Raw moments (moments about zero) are calculated using the
functions gigRawMom or gammaRawMom. For moments not
about zero, the function momChangeAbout is used to
derive moments about another point from raw moments. Note that raw moments
of the inverse gamma distribution can be obtained from the raw moments
of the gamma distribution because of the relationship between the two
distributions. An alternative implementation of raw moments of the gamma
and inverse gamma distributions may be found in the package
actuar and these may be faster since they are written in C.
To calculate the raw moments of the GIG distribution it is convenient to
use the alternative parameterization of the GIG in terms of
\omega and \eta, given as parameterization 3
in gigChangePars. Then the raw moment of the GIG
distribution of order k is given by
\eta^k K_{\lambda+k}(\omega)/K_{\lambda}(\omega)
where K_\lambda() is the modified Bessel function of
the third kind of order \lambda.
The raw moment of the gamma distribution of order k with
shape parameter \alpha and rate parameter
\beta is given by
\beta^{-k}\Gamma(\alpha+k)/\Gamma(\alpha)

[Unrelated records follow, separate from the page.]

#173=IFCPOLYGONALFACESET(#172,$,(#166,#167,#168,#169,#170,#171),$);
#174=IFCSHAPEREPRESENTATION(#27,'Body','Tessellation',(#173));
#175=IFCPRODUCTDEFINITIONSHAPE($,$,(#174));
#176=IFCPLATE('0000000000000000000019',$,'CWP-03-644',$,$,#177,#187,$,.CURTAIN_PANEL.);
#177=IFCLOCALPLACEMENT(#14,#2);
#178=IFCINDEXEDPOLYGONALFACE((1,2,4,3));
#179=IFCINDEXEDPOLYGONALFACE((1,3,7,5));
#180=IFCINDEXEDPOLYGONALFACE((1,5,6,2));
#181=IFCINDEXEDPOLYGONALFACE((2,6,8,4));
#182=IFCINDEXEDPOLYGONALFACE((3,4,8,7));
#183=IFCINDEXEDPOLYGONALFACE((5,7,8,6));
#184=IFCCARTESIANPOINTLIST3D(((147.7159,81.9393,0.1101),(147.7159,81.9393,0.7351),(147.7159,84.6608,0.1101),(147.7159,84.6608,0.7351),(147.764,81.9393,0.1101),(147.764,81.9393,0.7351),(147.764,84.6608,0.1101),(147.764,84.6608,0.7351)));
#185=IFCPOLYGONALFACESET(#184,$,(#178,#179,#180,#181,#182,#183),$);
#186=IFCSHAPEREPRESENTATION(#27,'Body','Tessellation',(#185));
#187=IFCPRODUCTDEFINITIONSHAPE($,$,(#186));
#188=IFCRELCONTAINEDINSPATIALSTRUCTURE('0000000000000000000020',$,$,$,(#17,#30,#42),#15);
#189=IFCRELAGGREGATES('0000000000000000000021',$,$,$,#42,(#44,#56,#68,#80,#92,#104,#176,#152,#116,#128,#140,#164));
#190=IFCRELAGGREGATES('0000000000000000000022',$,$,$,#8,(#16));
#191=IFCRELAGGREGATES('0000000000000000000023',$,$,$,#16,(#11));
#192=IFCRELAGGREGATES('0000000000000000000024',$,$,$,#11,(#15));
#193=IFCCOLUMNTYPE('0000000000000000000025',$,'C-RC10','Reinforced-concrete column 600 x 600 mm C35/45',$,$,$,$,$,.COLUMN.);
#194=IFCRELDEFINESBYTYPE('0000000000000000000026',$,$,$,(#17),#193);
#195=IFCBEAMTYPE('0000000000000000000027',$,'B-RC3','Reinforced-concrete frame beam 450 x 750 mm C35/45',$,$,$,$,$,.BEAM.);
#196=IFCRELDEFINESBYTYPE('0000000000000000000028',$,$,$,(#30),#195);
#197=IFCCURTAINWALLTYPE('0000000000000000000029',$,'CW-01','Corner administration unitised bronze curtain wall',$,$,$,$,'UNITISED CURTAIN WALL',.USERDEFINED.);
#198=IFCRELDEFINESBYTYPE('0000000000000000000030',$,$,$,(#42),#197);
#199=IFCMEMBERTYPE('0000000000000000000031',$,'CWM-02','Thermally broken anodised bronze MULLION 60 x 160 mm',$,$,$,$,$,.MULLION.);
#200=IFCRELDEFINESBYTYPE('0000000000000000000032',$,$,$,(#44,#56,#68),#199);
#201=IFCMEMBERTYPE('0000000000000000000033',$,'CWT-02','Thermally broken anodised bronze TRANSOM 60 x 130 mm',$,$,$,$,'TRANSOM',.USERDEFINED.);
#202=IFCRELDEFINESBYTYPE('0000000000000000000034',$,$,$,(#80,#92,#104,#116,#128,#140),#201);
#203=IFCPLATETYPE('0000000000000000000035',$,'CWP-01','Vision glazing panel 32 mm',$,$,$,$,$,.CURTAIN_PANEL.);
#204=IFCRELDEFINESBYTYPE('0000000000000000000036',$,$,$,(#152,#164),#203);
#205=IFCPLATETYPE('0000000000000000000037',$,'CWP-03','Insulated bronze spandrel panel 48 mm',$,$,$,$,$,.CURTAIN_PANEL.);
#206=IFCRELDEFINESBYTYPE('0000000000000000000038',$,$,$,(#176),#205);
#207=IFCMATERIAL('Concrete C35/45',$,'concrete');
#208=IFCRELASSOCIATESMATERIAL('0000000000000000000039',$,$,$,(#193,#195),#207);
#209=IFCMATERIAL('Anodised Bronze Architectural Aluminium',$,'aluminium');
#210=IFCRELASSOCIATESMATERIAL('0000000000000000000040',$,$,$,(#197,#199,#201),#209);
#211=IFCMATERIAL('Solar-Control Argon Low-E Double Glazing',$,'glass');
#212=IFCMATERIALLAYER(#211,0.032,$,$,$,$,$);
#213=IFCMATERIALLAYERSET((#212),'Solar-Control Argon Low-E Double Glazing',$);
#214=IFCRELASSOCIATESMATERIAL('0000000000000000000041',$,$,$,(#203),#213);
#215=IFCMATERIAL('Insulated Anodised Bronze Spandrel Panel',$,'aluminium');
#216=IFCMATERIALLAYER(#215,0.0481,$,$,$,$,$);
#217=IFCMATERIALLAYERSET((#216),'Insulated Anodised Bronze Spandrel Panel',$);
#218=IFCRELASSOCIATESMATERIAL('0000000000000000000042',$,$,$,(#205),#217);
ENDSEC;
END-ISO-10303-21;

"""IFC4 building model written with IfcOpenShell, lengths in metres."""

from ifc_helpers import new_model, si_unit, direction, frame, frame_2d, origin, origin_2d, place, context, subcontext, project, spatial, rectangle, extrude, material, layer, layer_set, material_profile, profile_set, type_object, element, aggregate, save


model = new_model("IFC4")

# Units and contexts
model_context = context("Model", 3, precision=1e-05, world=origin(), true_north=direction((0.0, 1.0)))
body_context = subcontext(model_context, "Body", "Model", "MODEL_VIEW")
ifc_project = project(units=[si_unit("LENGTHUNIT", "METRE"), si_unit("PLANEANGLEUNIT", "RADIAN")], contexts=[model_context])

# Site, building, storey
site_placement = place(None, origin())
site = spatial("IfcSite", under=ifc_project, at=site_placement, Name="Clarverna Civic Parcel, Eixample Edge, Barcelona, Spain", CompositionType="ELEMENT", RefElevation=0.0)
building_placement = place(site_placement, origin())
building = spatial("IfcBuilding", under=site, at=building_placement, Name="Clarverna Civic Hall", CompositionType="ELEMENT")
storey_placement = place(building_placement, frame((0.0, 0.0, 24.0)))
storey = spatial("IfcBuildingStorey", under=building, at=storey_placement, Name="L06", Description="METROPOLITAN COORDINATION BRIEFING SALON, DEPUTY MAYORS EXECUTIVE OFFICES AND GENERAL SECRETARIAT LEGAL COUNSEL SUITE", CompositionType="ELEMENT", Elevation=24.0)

The raw moment of order k of the inverse gamma distribution
with shape parameter \alpha and rate parameter
\beta is the raw moment of order -k of the gamma
distribution with shape parameter \alpha and rate parameter
1/\beta.
Value
The moment specified. In the case of raw moments, Inf is
returned if the moment is infinite.
Author(s)
David Scott d.scott@auckland.ac.nz
References
Paolella, Marc S. (2007) Intermediate Probability: A Computational Approach, Chichester: Wiley
See Also
gigCheckPars, gigChangePars,
is.wholenumber, momChangeAbout,
momIntegrated, gigMean,
gigVar, gigSkew, gigKurt.
Examples
### Raw moments of the generalized inverse Gaussian distribution
Theta <- c(-0.5,5,2.5)
gigRawMom(1, Theta)
momIntegrated("gig", order = 1, param = Theta, about = 0)
gigRawMom(2, Theta)
momIntegrated("gig", order = 2, param = Theta, about = 0)
gigRawMom(10, Theta)
momIntegrated("gig", order = 10, param = Theta, about = 0)
gigRawMom(2.5, Theta)
### Moments of the generalized inverse Gaussian distribution
Theta <- c(-0.5,5,2.5)
(m1 <- gigRawMom(1, Theta))
gigMom(1, Theta)
gigMom(2, Theta, m1)
(m2 <- momIntegrated("gig", order = 2, param = Theta, about = m1))
gigMom(1, Theta, m1)
gigMom(3, Theta, m1)
momIntegrated("gig", order = 3, param = Theta, about = m1)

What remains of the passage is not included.